More than five inches of rain fell in parts of Genesee County near Flint, Michigan on May 3 and 4, leading to major flooding and damage to homes and businesses in the area.

Last Friday, Gov. Snyder declared a "state of emergency" in Genesee County, which made state resources available. The next step is to see if federal emergency resources will be made available.

Roger Fonger of the Flint Journal reports:

Federal Emergency Management Agency officials are joining state and local officials this afternoon to assess damage to homes and businesses in the hardest-hit areas of the county.

"They will be out for the next few days -- until it's done," said Nicole Lisabeth, a spokeswoman for Michigan State Police's Emergency Management and Homeland Security Division.

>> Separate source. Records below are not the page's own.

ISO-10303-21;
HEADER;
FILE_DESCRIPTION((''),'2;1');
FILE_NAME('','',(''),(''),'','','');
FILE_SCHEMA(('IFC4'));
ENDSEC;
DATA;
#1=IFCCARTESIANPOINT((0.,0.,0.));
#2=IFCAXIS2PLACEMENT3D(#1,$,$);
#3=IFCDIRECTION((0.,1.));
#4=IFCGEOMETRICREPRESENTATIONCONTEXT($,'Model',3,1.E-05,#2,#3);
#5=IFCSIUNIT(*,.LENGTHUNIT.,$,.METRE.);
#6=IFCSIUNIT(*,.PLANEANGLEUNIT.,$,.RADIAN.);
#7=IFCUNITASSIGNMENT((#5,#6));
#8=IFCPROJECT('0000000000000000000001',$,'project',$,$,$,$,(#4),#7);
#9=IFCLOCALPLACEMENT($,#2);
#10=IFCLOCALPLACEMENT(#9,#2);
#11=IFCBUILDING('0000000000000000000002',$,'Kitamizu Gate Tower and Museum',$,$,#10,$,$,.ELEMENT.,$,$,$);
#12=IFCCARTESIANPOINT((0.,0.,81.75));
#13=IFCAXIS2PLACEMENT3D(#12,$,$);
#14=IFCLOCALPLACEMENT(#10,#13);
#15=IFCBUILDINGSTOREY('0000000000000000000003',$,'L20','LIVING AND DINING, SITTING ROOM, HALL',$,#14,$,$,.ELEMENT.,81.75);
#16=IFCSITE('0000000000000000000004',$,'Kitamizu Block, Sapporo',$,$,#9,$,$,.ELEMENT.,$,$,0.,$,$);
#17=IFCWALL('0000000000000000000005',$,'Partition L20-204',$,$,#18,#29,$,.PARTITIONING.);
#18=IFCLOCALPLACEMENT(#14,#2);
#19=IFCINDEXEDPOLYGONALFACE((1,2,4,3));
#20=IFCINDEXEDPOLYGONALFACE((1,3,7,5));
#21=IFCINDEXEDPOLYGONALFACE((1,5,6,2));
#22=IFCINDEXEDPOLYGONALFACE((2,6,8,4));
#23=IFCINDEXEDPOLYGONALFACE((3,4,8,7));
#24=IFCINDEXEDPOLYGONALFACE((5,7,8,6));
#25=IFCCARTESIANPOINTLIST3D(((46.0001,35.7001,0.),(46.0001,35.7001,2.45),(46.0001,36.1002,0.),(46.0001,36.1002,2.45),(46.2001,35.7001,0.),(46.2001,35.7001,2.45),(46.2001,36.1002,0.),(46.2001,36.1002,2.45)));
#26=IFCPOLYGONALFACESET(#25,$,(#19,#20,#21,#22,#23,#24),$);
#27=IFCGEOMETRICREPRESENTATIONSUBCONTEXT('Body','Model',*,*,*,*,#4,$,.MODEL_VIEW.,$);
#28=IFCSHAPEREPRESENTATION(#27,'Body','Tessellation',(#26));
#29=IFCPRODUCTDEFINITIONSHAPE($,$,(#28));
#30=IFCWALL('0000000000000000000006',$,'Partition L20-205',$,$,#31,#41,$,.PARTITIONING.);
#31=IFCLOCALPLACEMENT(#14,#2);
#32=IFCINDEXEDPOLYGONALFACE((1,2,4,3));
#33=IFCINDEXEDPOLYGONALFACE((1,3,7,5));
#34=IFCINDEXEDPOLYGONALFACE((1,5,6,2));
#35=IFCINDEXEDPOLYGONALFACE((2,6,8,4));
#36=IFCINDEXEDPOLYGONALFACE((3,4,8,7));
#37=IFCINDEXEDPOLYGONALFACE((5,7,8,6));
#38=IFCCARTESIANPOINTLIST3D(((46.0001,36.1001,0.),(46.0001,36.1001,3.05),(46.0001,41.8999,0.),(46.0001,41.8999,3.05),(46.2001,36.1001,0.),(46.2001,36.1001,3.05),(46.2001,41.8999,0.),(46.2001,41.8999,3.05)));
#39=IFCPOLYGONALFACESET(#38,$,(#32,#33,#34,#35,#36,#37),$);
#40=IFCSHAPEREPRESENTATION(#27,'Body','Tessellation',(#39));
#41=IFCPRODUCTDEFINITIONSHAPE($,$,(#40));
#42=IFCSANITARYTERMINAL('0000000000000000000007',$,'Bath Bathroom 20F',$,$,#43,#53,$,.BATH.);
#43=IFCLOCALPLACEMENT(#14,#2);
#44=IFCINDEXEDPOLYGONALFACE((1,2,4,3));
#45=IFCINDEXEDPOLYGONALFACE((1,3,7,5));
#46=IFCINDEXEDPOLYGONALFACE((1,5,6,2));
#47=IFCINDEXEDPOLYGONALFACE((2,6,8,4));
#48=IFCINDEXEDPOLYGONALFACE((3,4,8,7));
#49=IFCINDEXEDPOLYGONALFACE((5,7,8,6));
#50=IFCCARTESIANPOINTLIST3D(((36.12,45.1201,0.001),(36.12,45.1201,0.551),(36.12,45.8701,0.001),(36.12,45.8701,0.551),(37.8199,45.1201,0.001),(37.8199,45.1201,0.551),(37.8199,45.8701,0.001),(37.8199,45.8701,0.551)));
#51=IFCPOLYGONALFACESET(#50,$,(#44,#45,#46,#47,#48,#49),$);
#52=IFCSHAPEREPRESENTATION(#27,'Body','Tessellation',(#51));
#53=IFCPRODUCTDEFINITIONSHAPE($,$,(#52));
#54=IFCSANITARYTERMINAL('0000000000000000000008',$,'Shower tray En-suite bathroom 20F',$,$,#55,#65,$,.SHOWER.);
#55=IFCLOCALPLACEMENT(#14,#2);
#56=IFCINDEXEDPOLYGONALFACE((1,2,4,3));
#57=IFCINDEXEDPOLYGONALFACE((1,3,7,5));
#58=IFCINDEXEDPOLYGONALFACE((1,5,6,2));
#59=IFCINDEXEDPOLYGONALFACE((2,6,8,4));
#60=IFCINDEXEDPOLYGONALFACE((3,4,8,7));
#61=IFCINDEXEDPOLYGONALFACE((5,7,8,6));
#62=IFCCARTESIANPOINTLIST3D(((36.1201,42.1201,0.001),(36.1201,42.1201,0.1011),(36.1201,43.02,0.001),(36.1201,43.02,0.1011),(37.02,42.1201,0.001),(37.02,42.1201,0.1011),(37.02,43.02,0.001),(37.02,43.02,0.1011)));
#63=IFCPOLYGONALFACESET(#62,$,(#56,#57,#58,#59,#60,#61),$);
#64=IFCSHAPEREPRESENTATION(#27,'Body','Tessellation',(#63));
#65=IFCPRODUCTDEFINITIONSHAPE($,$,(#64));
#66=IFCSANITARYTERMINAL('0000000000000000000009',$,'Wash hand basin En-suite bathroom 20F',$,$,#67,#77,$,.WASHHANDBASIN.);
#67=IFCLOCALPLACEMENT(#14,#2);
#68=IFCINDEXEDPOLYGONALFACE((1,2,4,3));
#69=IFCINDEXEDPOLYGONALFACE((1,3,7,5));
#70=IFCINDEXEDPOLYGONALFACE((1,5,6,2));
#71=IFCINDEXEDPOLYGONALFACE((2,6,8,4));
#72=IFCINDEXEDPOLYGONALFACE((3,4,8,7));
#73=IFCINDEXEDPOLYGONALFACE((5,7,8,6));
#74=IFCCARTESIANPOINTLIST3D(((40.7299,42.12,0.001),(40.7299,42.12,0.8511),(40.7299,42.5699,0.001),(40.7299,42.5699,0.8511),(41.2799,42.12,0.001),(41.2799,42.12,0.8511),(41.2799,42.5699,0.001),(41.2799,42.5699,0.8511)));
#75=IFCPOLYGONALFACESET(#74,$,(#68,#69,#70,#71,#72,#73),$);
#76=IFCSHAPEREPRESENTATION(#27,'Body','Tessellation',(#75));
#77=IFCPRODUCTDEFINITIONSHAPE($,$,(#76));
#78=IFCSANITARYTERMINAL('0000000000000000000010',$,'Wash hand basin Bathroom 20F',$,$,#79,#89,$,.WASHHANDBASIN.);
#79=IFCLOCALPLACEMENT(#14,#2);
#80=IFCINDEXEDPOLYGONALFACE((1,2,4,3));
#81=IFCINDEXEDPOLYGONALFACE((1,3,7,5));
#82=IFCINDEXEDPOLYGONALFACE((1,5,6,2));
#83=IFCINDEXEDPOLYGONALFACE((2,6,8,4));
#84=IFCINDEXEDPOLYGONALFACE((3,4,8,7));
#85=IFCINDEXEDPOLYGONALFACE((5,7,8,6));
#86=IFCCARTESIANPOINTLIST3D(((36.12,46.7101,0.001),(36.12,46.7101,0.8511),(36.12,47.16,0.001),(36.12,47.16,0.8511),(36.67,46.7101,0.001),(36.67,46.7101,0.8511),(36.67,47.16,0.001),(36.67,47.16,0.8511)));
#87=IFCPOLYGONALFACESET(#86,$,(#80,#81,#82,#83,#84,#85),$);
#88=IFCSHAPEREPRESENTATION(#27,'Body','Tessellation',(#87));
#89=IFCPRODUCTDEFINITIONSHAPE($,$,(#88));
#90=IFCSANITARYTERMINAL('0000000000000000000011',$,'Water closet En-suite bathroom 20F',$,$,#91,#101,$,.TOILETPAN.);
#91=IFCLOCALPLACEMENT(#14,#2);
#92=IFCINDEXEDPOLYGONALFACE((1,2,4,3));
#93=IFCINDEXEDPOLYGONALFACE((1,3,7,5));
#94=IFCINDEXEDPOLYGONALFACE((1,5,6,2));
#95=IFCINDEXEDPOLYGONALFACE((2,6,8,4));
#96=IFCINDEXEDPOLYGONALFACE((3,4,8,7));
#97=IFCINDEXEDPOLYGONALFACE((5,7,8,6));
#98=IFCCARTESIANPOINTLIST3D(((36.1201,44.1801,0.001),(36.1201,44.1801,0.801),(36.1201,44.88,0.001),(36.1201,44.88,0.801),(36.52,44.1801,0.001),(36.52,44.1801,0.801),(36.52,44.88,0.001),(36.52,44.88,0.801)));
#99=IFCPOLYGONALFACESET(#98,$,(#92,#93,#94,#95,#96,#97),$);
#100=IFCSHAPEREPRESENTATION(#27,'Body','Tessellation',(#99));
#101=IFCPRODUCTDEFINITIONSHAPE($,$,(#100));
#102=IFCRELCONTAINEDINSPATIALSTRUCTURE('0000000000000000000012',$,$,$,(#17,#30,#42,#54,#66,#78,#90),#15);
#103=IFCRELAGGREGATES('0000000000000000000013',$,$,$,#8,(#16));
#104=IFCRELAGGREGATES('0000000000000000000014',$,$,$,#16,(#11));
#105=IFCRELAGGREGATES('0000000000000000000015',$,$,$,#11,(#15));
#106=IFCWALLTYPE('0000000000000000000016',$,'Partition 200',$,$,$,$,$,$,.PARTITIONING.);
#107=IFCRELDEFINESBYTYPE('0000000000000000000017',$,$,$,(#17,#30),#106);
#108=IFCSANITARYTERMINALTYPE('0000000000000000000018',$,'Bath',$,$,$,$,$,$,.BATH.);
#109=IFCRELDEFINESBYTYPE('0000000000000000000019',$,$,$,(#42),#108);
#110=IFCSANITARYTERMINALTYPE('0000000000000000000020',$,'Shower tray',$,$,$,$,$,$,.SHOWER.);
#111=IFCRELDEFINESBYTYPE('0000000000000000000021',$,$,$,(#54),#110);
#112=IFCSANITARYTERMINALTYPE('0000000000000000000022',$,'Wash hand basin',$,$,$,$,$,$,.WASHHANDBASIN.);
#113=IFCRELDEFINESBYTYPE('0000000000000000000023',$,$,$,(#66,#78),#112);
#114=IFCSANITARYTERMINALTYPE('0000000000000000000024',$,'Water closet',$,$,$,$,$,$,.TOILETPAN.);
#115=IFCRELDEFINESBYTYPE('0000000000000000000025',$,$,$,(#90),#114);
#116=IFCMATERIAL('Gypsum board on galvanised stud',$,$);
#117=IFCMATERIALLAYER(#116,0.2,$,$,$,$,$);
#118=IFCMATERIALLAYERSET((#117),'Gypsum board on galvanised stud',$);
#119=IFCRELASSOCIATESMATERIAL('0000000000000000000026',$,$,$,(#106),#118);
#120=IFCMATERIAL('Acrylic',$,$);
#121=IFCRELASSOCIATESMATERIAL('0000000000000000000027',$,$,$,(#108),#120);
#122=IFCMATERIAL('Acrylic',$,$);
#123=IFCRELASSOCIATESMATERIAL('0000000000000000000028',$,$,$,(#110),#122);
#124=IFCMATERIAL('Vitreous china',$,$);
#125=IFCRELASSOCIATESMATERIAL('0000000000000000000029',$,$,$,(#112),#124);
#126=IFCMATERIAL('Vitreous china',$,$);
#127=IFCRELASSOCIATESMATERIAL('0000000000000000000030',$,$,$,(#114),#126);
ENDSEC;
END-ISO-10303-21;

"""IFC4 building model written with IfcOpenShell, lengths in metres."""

from ifc_helpers import new_model, si_unit, direction, frame, frame_2d, origin, origin_2d, place, context, subcontext, project, spatial, rectangle, extrude, material, layer, layer_set, type_object, element, save


model = new_model("IFC4")

# Units and contexts
model_context = context("Model", 3, precision=1e-05, world=origin(), true_north=direction((0.0, 1.0)))
body_context = subcontext(model_context, "Body", "Model", "MODEL_VIEW")
ifc_project = project(units=[si_unit("LENGTHUNIT", "METRE"), si_unit("PLANEANGLEUNIT", "RADIAN")], contexts=[model_context])

# Site, building, storey
site_placement = place(None, origin())
site = spatial("IfcSite", under=ifc_project, at=site_placement, Name="Kitamizu Block, Sapporo", CompositionType="ELEMENT", RefElevation=0.0)
building_placement = place(site_placement, origin())
building = spatial("IfcBuilding", under=site, at=building_placement, Name="Kitamizu Gate Tower and Museum", CompositionType="ELEMENT")
storey_placement = place(building_placement, frame((0.0, 0.0, 81.75)))
storey = spatial("IfcBuildingStorey", under=building, at=storey_placement, Name="L20", Description="LIVING AND DINING, SITTING ROOM, HALL", CompositionType="ELEMENT", Elevation=81.75)

# Walls
ifc_material_1 = material(Name="Gypsum board on galvanised stud")
ifc_layer_1 = layer(ifc_material_1, 0.2)
ifc_layer_set_1 = layer_set([ifc_layer_1], Name="Gypsum board on galvanised stud")
wall_type_1 = type_object("IfcWallType", Name="Partition 200", PredefinedType="PARTITIONING", material=ifc_layer_set_1)
wall_1_placement = place(storey_placement, frame((46.1001, 35.7, 0.0), z_axis=(0.0, 0.0, 1.0), x_axis=(0.0, 1.0, 0.0)))
element("IfcWall", 1, at=wall_1_placement, inside=storey, type_object=wall_type_1, Name="Partition L20-204", PredefinedType="PARTITIONING", context=body_context, shape_type="SweptSolid", body=[
    extrude(rectangle(XDim=0.4001, YDim=0.2, at=frame_2d((0.2002, 0.0))), origin(), (0.0, 0.0, 1.0), 2.45),
])
wall_2_placement = place(storey_placement, frame((46.1001, 36.1001, 0.0), z_axis=(0.0, 0.0, 1.0), x_axis=(0.0, 1.0, 0.0)))
element("IfcWall", 2, at=wall_2_placement, inside=storey, type_object=wall_type_1, Name="Partition L20-205", PredefinedType="PARTITIONING", context=body_context, shape_type="SweptSolid", body=[
    extrude(rectangle(XDim=5.7998, YDim=0.2, at=frame_2d((2.8999, 0.0))), origin(), (0.0, 0.0, 1.0), 3.05),
])

# Sanitary terminals
ifc_material_2 = material(Name="Acrylic")
sanitary_terminal_type_1 = type_object("IfcSanitaryTerminalType", Name="Bath", PredefinedType="BATH", material=ifc_material_2)
sanitary_terminal_1_placement = place(storey_placement, frame((36.97, 45.4951, 0.001), z_axis=(0.0, 0.0, 1.0), x_axis=(1.0, 0.0, 0.0)))
element("IfcSanitaryTerminal", 3, at=sanitary_terminal_1_placement, inside=storey, type_object=sanitary_terminal_type_1, Name="Bath Bathroom 20F", PredefinedType="BATH", context=body_context, shape_type="SweptSolid", body=[
    extrude(rectangle(XDim=1.7, YDim=0.75, at=origin_2d()), origin(), (0.0, 0.0, 1.0), 0.55),
])
ifc_material_3 = material(Name="Acrylic")
sanitary_terminal_type_2 = type_object("IfcSanitaryTerminalType", Name="Shower tray", PredefinedType="SHOWER", material=ifc_material_3)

"This is for officials to get a really good idea whether the damages might qualify for federal aid and whether we (will) proceed with asking for a presidential (disaster) declaration," Lisabeth said.

Lisabeth said homeowners and businesses that suffered damage might qualify for low-interest loans from the U.S. Small Business Administration.

screenshot from WDIV video

The National Weather Service said a minimum of 5.25 inches of rain fell in parts of Genesee County overnight. We're following how the floods are impacting the area.

Update 2:00 p.m.

Michigan Radio's Steve Carmody was in Flint today. He reports the overnight storms "also knocked out power to thousands of Flint residents... and most of the city’s downtown traffic signals."

The power outage led to the closure of Flint City Hall.

Consumers Energy says thousands are without power in the area. From the Flint Journal:

3,600 customers are without power in the county today -- more than 2,100 in Swartz Creek and more than 1,400 in Flint.

Consumers spokeswoman Debra Dodd said it could be as late as 10 p.m. before service is fully restored.

"We has really bad thunderstorms that did quite a bit of damage," Dodd said.

12:30 p.m.

We got ahold of Genessee County Drain Commissioner Jeff Wright.

"The Swartz Creek is well out of its banks, near record levels, and it itself is flooding I-75 and I-69. So there's no traffic on I-75 and I-69 near their junction. So as you can imagine that's created a very bad traffic jam on top of the flooding situation," said Wright.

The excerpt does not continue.